Comprehensive transcriptome analysis reveals link between epigenetic dysregulation, endogenous retrovirus expression and immunogenicity in metastatic colorectal carcinoma.
Bibliographic record
Abstract
3535 Background: Endogenous retrovirus (ERV) elements represent genomic footprints of ancestral retroviral infections within the human genome. Previous studies have demonstrated increases in ERV mRNA as a result of DNA hypomethylation, and ERV transcription has been associated with increased immunogenicity in metastatic renal cell carcinoma. We performed comprehensive bioinformatics analysis of ERV transcription in metastatic colorectal carcinoma (mCRC), to identify novel links between ERV transcription, epigenetic dysregulation and immunogenicity in metastatic colorectal carcinoma (mCRC).
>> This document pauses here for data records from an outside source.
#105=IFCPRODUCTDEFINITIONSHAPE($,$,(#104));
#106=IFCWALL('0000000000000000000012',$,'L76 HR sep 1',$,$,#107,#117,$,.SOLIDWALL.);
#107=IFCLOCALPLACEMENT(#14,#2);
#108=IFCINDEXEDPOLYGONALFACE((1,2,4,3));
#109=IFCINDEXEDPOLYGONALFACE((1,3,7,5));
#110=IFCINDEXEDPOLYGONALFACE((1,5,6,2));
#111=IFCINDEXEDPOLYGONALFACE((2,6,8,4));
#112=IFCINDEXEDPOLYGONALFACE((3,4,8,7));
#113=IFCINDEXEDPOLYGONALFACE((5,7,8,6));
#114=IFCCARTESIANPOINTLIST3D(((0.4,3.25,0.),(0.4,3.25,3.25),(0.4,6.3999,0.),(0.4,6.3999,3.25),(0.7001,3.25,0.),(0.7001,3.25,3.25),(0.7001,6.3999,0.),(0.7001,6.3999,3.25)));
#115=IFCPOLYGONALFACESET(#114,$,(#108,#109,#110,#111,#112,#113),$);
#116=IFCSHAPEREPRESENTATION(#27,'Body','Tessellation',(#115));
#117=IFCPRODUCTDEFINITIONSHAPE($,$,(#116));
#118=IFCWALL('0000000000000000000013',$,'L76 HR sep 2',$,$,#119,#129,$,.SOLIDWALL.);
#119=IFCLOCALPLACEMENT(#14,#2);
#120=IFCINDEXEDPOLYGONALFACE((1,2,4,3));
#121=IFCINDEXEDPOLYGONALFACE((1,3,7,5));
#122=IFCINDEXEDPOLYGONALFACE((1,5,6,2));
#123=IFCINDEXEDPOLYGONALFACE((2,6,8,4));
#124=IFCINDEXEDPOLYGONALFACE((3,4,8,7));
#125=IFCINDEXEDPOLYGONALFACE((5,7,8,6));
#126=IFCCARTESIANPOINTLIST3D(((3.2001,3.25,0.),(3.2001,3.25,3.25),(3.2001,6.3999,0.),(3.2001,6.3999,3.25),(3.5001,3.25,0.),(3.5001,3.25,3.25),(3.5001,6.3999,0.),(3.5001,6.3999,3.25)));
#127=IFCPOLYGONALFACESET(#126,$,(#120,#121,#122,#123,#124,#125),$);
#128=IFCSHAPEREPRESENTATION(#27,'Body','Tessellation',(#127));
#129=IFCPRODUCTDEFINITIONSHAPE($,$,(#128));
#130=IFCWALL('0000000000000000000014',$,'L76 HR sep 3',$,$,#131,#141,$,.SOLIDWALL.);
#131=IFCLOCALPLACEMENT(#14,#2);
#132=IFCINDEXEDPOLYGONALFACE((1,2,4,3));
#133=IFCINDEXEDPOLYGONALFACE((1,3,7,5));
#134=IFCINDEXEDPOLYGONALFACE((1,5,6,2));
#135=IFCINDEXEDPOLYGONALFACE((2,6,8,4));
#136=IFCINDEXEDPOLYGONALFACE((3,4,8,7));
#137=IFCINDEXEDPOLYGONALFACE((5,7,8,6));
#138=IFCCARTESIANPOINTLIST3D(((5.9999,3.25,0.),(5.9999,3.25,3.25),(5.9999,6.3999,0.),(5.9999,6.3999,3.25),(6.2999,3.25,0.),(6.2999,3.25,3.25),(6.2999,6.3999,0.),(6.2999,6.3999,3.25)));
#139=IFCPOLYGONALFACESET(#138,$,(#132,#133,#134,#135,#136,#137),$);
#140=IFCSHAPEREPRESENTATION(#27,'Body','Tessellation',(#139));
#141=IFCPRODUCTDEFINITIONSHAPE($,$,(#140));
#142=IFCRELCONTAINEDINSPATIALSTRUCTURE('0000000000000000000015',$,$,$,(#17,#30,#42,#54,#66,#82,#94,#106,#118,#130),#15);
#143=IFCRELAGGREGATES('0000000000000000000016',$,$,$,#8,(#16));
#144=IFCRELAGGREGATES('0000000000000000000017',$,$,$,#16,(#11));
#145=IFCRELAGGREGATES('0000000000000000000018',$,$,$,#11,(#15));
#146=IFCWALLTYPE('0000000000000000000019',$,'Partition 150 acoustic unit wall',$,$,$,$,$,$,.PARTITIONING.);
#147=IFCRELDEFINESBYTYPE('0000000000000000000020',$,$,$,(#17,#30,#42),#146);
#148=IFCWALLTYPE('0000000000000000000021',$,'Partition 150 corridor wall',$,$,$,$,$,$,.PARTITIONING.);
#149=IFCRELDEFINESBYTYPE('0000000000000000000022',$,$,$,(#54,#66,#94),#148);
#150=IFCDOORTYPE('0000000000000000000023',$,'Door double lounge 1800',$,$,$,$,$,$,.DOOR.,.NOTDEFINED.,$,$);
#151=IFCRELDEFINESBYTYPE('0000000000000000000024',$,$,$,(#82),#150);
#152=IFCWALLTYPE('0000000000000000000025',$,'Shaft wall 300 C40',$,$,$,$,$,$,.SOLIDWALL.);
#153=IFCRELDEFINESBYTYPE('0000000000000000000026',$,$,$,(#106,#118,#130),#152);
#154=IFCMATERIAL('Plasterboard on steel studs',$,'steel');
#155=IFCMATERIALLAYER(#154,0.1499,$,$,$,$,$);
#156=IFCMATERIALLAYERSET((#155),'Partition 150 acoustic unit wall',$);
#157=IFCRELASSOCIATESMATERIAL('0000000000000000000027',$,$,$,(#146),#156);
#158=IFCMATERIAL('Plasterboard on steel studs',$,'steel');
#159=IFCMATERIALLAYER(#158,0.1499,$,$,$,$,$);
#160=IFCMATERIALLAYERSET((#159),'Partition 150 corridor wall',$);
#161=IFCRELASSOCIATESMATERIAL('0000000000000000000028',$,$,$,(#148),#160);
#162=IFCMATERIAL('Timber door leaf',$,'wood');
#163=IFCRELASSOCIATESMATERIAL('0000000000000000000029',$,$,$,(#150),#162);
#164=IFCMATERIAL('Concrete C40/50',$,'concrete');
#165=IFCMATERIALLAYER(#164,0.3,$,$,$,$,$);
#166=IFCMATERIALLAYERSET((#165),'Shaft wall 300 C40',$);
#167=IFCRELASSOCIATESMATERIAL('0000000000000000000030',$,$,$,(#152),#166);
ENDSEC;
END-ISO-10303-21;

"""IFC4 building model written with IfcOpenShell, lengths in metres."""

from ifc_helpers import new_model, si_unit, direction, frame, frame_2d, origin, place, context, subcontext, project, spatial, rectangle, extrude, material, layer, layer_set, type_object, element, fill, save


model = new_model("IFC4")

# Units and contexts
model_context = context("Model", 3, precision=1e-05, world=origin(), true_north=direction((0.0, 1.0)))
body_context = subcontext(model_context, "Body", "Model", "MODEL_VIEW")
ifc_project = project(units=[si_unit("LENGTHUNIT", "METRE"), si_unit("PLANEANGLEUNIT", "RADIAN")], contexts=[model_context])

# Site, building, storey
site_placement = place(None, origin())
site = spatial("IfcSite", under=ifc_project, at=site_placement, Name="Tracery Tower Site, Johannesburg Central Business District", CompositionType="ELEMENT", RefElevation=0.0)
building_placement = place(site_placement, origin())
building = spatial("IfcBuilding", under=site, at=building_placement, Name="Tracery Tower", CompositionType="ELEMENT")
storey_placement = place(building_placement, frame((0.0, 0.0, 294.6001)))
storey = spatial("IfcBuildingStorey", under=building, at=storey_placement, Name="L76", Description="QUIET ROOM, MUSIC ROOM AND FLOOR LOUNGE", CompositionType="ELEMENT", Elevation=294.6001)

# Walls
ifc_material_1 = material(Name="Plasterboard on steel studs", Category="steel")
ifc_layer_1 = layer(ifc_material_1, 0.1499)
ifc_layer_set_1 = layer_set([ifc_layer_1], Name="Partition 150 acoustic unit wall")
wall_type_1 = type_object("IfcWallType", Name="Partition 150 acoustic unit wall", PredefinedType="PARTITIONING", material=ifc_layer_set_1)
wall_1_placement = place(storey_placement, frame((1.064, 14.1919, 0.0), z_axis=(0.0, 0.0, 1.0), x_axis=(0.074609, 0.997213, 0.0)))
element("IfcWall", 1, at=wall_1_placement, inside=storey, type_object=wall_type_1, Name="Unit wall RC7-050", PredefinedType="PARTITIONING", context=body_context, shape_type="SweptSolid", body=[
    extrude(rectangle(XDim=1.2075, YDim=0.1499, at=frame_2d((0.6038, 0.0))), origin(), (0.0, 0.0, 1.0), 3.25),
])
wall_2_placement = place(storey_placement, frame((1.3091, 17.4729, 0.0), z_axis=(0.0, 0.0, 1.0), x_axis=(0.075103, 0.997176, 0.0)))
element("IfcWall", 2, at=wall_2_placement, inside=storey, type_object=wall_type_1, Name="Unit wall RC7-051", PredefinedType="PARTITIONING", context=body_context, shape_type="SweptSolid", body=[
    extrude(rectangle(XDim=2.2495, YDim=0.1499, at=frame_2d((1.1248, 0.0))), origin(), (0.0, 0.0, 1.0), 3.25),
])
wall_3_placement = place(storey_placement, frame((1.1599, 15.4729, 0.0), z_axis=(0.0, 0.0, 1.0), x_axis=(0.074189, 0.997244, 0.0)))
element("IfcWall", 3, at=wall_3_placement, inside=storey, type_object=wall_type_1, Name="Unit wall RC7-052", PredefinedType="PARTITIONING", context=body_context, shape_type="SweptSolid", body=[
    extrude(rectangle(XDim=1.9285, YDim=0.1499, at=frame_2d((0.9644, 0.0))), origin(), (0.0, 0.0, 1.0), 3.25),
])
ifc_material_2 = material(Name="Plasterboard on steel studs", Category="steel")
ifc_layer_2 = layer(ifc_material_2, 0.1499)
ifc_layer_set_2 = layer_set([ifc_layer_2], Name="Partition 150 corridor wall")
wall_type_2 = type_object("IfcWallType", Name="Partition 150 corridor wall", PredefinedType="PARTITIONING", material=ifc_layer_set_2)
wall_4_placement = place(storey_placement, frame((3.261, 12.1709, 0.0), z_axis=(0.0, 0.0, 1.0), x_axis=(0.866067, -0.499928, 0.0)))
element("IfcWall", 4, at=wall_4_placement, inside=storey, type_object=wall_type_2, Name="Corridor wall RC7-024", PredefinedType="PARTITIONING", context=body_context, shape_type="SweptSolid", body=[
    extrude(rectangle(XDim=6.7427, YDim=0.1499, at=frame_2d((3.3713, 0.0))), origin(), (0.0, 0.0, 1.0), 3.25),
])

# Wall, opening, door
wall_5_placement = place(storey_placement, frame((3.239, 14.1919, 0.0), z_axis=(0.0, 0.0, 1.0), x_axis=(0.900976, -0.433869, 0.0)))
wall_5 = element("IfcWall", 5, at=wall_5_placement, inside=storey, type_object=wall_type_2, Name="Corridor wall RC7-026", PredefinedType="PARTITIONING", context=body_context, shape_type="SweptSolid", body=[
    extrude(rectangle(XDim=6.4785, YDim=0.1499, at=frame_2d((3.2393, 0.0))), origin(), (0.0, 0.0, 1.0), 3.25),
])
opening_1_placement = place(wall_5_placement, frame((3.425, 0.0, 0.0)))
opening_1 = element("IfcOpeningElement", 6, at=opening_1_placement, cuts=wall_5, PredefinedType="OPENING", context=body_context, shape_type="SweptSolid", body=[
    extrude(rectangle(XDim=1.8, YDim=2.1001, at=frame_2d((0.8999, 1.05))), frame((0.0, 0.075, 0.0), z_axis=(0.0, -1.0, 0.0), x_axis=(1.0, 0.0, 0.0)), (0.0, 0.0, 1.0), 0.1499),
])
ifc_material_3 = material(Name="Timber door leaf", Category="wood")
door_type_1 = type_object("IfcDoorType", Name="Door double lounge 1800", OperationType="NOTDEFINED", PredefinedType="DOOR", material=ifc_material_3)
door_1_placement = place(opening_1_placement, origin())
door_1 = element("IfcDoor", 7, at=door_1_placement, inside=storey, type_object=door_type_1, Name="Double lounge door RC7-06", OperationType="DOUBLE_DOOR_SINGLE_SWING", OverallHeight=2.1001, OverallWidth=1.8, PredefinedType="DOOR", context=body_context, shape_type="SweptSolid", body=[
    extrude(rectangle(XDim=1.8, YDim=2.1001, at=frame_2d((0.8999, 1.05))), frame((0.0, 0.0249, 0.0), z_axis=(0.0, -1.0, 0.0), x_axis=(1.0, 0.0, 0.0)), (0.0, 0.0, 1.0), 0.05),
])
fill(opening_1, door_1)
Methods: Tumour samples from 63 patients with mCRC were subjected to RNA sequencing as part of the Personalized OncoGenomics program (POG; NCT02155621) at BC Cancer. Patients were enrolled between 07/2012-07/2017. ERV transcription was quantified across 702,533 distinct loci. Tumors were classified ERV-hi if their total ERV expression (RPKM) was greater than the mean across all samples. High antiviral gene expression tumors (AVG-hi) were designated as having a mean expression of IFIH1, DDX58, TLR3, TANK, TBKBP1, TBK1, IRF3 and IRF7 that was greater than the mean across all samples. All pairwise comparisons of gene expression were subjected to multiple hypothesis correction. Results: Median age was 59 years, with 34 (54%) male and 1 tumor microsatellite unstable. ERV-hi tumors showed increased expression of DNA demethylators TET2 ( q=0.0045) and TET3 ( q<0.0001). Significant overlap existed between ERV-hi and AVG-hi tumors (18/27, p=0.016). Tumors both ERV-hi and AVG-hi trended towards increased PD-L1 expression (p=0.055) and showed a significant increase in survival compared to tumors with high antiviral expression in the absence of high ERV transcription (p=0.0043). Conclusions: Our results suggest DNA demethylation drives increased ERV transcription and ERV-associated immunogenicity in mCRC. Moreover, we provide novel insight into the impact of ERV transcription on the biology of mCRC, highlighting ERV transcription as a potential biomarker and target for precision immunotherapy. Clinical trial information: NCT02155621.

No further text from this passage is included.